Daniel Milford sees Chironix’s work on the Aboriginal Heritage Project as vital to proving the company’s growth. Photo: Gabriel Oliveira

Perth startup Chironix has been selected to provide data analytics to the Aboriginal Heritage Project, an Adelaide-based effort to build a comprehensive genomic map of Aboriginal Australia.

The project, headed by researchers at The University of Adelaide and the South Australian Museum, is based on 6,000 DNA samples collected by Western Australian researcher Norman Tindale between the 1920s and 1960s during his expeditions into the country’s interior.

Chironix managing director Daniel Milford told Business News the company’s work on the project came about because of its relationships with Google, which recommended Chironix to the project’s leaders due to its capacity to analyse data on a massive scale.

“We are uniquely placed with our data engineering capabilities to do things with mass levels of data, and the AHP is one of those problems,” Mr Milford said.
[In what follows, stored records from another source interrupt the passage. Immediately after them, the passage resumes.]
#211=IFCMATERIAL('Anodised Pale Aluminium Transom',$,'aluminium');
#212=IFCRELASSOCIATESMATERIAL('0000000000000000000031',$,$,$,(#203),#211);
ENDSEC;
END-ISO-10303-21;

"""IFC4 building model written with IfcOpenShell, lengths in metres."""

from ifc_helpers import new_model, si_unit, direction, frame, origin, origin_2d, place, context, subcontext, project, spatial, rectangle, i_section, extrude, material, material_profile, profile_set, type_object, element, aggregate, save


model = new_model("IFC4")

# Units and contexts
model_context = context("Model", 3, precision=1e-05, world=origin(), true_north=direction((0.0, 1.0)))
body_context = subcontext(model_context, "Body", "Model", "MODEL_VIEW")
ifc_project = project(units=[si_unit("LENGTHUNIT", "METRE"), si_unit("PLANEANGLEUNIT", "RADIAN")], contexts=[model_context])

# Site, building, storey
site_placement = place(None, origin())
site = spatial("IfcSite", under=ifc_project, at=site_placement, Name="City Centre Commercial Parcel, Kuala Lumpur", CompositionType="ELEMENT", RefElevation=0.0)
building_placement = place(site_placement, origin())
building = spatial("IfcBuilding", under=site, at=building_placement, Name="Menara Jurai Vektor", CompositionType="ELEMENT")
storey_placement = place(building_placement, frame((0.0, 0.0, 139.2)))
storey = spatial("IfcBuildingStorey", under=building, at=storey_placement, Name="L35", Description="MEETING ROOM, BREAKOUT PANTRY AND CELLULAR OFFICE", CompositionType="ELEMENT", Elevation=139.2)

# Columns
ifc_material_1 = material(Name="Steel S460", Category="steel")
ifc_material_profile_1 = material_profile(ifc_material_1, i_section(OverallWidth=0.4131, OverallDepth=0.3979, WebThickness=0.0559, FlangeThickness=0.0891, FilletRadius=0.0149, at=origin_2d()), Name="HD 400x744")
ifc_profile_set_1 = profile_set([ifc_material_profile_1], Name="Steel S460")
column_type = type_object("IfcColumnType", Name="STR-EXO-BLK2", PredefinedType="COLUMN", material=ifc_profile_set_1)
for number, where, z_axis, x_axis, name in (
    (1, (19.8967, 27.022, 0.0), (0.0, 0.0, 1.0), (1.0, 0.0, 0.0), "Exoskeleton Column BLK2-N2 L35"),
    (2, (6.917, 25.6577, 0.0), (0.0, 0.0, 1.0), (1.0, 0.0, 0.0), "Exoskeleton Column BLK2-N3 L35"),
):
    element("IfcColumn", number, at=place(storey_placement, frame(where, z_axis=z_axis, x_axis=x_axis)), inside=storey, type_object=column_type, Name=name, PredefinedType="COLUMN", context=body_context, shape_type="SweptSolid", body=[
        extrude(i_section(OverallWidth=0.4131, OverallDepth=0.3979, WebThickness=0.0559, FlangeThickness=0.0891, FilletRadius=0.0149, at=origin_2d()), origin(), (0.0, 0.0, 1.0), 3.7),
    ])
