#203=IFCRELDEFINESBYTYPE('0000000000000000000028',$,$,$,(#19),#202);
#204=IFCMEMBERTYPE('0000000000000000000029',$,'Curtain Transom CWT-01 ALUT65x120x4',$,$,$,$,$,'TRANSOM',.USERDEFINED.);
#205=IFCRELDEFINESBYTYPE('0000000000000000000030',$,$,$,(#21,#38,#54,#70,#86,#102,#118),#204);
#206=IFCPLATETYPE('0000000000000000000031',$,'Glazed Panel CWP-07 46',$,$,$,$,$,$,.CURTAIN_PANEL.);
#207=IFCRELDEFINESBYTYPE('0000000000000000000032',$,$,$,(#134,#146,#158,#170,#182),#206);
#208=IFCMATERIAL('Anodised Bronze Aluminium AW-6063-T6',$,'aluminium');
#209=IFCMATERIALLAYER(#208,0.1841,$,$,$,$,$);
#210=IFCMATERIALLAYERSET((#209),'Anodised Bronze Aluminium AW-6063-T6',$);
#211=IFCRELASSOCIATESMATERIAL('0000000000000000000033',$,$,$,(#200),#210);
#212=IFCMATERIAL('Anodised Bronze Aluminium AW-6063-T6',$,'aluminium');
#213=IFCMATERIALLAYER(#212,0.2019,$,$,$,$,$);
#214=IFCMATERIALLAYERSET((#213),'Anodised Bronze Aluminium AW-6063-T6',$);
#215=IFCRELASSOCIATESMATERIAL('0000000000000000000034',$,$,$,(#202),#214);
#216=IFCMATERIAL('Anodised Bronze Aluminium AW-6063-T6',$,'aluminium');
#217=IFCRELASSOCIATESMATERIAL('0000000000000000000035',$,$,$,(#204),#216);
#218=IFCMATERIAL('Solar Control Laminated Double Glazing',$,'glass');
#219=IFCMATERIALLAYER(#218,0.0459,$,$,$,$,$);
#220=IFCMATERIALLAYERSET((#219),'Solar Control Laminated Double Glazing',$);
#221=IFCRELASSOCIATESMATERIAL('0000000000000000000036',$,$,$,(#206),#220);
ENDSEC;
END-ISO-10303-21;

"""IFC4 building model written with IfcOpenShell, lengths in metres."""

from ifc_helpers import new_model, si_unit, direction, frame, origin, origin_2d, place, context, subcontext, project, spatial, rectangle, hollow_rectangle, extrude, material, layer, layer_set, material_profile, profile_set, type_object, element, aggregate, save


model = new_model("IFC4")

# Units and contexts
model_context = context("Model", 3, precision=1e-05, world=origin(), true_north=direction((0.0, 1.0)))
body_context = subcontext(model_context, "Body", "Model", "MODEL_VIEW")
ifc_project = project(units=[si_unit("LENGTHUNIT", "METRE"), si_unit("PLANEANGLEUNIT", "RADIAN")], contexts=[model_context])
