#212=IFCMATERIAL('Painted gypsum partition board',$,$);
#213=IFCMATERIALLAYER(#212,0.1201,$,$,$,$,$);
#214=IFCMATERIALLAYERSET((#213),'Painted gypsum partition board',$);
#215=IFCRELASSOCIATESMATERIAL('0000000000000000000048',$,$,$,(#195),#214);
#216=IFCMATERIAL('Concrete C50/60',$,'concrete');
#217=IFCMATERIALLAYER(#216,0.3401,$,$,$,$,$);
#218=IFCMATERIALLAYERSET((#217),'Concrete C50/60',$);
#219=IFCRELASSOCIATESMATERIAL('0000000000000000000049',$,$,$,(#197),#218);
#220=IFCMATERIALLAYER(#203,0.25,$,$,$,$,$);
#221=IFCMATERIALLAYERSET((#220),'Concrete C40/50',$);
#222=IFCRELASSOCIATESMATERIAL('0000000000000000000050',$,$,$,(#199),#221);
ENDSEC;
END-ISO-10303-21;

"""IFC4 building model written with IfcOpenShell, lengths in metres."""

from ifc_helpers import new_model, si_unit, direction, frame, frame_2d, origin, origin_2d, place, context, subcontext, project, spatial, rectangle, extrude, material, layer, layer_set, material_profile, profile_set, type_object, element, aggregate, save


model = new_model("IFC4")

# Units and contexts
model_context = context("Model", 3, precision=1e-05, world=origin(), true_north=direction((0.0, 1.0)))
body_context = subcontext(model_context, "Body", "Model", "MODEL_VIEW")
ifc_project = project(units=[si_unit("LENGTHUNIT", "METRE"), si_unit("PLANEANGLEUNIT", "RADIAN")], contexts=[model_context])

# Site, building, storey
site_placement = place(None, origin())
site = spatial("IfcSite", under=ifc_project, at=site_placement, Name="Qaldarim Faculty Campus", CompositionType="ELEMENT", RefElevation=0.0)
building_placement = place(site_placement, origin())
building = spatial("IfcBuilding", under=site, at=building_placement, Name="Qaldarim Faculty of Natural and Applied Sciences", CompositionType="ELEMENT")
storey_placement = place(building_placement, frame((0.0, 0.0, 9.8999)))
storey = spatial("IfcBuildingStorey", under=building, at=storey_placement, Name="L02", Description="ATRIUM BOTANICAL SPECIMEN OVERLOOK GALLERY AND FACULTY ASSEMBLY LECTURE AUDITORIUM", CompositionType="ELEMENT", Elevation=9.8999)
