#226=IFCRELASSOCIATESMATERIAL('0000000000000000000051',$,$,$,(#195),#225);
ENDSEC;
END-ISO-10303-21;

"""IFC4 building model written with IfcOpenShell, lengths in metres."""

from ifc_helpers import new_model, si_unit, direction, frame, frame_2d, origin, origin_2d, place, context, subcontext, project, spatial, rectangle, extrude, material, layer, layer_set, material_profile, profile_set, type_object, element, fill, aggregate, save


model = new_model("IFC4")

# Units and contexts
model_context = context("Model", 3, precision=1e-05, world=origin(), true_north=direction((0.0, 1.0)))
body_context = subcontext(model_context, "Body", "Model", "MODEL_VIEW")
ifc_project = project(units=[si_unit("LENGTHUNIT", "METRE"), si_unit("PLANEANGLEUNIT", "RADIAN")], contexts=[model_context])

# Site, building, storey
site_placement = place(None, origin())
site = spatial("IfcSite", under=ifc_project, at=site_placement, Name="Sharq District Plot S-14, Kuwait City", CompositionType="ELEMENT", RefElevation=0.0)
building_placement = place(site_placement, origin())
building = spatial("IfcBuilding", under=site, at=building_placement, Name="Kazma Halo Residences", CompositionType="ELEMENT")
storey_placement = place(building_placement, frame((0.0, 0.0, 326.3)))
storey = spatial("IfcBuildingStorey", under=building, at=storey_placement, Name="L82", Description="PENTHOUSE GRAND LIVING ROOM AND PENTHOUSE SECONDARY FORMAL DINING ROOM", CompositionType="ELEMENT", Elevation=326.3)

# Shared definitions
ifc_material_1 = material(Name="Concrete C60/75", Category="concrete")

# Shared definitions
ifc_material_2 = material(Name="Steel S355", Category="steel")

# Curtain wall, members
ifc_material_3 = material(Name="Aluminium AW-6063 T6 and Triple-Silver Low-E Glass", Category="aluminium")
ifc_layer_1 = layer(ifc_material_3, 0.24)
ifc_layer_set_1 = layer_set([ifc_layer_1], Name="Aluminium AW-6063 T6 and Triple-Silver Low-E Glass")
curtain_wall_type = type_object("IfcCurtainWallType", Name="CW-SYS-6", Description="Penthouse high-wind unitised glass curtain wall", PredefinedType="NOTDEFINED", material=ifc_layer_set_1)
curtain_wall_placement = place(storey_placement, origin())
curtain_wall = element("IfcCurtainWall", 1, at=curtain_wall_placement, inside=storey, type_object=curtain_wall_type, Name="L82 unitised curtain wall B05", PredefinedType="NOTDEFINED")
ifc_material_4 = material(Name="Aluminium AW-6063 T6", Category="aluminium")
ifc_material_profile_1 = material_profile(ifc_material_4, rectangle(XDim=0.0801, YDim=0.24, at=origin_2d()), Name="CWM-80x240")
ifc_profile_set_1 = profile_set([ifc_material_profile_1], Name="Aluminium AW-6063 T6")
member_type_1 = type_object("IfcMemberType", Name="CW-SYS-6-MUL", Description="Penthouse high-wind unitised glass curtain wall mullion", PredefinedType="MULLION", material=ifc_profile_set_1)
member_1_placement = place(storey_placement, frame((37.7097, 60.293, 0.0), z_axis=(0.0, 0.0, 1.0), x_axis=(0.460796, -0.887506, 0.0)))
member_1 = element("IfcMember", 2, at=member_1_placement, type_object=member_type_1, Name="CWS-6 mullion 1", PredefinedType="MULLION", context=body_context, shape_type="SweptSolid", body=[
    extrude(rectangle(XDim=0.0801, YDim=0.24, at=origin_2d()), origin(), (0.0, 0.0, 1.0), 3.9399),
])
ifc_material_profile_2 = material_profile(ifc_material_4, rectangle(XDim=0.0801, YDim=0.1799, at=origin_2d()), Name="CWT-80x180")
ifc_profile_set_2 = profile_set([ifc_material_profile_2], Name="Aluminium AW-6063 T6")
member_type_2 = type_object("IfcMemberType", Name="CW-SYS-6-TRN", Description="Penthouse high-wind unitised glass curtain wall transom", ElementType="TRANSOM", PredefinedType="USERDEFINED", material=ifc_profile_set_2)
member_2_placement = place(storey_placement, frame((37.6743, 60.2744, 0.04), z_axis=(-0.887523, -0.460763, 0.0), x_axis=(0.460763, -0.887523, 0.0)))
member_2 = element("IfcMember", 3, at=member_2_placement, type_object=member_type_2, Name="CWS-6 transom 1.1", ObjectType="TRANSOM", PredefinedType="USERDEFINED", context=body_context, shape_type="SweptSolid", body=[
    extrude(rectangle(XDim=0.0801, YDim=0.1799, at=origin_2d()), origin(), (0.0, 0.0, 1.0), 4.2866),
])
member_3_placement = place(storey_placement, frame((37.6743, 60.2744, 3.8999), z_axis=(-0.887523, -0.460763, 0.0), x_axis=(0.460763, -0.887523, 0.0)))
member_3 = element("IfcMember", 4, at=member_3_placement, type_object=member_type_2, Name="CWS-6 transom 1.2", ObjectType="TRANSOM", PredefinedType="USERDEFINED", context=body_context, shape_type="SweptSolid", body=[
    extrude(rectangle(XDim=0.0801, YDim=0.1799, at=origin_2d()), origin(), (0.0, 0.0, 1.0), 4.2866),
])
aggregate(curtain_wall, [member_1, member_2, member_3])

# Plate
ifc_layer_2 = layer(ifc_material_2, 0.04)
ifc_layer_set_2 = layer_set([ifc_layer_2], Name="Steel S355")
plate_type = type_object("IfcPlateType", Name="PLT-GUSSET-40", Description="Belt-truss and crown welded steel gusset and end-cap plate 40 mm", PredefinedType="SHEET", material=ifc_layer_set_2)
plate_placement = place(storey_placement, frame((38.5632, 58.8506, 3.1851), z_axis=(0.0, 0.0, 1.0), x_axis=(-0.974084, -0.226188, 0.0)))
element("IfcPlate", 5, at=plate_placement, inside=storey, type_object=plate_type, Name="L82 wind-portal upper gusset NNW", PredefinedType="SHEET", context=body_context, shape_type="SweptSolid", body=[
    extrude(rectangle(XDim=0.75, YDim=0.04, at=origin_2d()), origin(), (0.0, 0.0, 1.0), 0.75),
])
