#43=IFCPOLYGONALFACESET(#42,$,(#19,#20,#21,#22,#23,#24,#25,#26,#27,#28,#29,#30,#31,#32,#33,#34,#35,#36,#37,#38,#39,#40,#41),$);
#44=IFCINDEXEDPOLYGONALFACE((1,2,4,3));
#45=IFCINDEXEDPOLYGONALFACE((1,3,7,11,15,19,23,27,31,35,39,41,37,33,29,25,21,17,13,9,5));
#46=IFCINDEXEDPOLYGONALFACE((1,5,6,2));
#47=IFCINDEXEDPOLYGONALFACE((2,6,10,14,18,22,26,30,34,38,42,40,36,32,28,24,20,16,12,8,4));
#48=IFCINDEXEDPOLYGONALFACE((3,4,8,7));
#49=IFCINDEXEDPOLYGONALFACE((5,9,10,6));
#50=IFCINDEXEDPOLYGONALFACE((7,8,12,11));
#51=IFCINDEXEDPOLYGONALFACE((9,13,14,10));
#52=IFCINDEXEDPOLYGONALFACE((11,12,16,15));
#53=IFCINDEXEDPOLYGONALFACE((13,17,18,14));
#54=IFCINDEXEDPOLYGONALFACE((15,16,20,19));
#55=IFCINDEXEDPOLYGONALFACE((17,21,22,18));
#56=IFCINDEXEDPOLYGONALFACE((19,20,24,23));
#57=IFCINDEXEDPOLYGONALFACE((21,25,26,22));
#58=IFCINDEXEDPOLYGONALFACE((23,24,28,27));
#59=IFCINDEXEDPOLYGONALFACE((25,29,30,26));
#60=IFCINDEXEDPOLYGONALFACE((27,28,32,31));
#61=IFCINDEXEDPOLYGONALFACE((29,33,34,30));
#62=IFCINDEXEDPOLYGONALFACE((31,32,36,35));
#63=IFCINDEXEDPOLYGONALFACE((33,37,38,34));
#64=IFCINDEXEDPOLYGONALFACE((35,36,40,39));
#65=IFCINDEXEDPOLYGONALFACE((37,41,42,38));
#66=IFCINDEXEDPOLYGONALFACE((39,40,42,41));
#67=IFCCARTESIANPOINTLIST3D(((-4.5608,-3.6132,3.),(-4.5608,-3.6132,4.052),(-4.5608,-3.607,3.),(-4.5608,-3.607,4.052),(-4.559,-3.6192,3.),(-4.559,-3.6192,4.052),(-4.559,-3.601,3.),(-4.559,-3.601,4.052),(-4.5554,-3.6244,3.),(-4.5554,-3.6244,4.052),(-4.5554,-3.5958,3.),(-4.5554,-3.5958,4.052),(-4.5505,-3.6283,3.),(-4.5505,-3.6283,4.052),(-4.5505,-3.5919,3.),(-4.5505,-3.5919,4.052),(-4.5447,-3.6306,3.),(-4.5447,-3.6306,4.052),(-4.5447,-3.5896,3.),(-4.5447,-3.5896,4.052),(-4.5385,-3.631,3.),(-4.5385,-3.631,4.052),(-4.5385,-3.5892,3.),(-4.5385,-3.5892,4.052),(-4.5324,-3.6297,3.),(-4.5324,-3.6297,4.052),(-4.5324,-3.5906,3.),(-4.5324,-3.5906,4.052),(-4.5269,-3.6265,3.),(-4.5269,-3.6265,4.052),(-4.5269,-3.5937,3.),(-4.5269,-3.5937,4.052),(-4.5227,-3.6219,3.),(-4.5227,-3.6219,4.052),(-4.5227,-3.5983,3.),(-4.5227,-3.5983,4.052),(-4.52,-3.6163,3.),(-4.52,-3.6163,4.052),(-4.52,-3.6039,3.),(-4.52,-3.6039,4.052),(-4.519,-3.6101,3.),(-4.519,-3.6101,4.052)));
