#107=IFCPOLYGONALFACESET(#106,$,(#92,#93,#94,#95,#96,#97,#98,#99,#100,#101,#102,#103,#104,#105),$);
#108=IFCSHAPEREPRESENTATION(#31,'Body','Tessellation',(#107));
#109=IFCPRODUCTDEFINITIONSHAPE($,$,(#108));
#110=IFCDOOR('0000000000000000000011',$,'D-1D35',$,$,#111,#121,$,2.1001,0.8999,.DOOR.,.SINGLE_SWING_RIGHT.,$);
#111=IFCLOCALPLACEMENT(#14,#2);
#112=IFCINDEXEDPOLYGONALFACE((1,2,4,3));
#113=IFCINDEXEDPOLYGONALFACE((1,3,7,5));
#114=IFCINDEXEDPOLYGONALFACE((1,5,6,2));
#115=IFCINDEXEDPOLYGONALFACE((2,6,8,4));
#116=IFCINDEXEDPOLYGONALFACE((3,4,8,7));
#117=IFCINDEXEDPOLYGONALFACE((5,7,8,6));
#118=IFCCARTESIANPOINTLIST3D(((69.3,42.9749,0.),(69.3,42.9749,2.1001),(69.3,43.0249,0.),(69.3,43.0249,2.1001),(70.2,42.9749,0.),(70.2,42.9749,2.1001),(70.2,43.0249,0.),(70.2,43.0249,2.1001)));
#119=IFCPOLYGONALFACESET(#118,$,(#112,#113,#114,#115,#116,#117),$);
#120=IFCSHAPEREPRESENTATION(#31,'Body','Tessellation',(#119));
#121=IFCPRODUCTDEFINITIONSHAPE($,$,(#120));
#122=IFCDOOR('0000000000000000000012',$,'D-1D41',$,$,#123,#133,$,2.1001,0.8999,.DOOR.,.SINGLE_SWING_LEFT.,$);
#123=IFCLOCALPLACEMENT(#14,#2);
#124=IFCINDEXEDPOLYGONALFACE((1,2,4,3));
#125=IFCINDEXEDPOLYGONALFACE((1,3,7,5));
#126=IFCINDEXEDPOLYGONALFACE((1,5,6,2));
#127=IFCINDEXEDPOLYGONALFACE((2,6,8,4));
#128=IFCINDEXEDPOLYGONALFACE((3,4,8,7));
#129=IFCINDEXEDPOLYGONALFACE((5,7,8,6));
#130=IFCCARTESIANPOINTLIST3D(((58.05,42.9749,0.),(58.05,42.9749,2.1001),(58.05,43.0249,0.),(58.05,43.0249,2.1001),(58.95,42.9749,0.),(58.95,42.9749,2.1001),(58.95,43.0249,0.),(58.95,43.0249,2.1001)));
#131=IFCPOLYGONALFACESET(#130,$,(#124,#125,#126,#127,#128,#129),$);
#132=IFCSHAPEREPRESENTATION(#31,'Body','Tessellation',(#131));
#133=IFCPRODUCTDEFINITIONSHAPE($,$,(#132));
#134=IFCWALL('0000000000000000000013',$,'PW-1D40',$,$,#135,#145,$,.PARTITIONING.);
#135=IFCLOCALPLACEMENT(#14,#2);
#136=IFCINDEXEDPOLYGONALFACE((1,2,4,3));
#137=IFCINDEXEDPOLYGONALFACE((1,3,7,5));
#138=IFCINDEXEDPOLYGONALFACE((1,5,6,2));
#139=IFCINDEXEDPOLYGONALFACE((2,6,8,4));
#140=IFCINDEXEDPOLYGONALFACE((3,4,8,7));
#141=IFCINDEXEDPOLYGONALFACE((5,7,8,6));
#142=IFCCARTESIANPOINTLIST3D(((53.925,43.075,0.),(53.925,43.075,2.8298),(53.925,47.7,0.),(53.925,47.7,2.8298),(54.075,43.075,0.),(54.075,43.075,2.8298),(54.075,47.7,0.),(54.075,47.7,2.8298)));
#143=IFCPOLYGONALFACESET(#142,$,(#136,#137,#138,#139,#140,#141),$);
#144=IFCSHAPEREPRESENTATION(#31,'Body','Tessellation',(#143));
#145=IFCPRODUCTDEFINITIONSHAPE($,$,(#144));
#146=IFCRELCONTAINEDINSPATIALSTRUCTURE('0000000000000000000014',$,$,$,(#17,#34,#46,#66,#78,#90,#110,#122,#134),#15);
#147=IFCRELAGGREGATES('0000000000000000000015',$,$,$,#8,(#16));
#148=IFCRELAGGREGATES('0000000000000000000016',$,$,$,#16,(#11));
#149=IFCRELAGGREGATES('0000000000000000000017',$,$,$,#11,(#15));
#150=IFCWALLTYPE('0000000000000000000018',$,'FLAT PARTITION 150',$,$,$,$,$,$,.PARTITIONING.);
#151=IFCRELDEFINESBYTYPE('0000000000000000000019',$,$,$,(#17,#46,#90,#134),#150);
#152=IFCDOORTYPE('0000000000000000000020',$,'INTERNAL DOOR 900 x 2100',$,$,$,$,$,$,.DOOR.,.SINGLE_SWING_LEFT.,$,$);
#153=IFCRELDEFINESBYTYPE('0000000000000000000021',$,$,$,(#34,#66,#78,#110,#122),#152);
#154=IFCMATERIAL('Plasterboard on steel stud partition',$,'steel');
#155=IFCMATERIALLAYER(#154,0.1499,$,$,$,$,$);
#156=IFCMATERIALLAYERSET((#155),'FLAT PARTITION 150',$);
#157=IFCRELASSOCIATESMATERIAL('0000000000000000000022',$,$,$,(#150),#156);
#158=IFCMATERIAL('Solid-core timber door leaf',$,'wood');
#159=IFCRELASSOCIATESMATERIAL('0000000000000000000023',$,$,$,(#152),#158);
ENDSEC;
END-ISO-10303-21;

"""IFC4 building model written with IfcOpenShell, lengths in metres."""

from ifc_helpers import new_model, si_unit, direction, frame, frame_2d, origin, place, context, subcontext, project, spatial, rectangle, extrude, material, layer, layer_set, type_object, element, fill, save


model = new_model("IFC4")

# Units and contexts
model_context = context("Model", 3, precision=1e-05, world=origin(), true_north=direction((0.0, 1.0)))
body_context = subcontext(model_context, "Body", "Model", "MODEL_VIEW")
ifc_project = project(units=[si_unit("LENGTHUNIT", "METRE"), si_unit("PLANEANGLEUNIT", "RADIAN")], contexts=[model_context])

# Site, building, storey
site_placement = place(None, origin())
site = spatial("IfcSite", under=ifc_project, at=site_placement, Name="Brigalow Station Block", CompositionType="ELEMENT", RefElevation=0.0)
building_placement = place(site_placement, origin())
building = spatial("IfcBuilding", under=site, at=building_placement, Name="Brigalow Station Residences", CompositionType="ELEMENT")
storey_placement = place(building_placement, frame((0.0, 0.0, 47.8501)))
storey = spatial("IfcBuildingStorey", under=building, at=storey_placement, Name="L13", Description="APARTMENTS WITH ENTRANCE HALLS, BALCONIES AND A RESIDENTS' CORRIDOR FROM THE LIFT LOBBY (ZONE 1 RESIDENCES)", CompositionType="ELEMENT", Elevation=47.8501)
The uptake of DNA mapping has grown in recent years, with improved technology and the advent of cloud computing cutting the cost of individual genome testing from upwards of $100,000 at the start of the 2000s to around $5 today.

The process remains elusive for many indigenous Australians, however, as there is little data to reference due to historical and social factors, such as the displacement of families of the Stolen Generations.

“If I go to [biotech company] ‘23andMe’ online and spit into a vile, send it off, it’ll come back and say I’m 73 per cent Caucasian, a bit Irish, bit of whatever else,” Mr Milford said.

“If an Aboriginal or Torres Strait Islander does that, it comes back saying they’re Polynesian, because there’s no data set to reference.”

So far, all of Professor Tindale’s samples have been tabulated as a data set.

Chironix will now take that information, which measures around 4 petabytes in size, and build an integrated map that connects the samples and makes sense of the data.

“That’s where we’ve got involved, right at that point, to provide massive analysis capability,” Mr Milford said.

Building the map has involved extensive consultation with indigenous communities, with both the university and museum seeking permission to use DNA samples from descendants where possible, with additional oversight and guidance from community leaders.

“We’ve got the South Australian Museum with its indigenous steering committee, the University of Adelaide with its committee, and a project-specific generated group as a steering committee,” Mr Milford said.

“We’re very much ethically, morally, right in line with what the indigenous elders want us to do.”

Mr Milford said while he took a personal interest in indigenous Australian history, he pictured Chironix’s work on the project as proving its capabilities in the field of genomics.

Government and philanthropic funding would be vital for the work to be effectively completed, however.

“With this program, as we scale the number of samples we go through and actually build the cloud computational capabilities on the back of that, it’s perfecting our art as well,” Mr Milford said.

“This is part of our development.

“We’ve got the data, we’ve got the science, we just need the funds and we’re good to go.”

Mr Milford founded Osborne Park-based Chironix in 2017, with clients predominantly in the defence industry.

The company has since expanded to cover a broad array of specialties, including applied robotics, AI, and internet of things integration.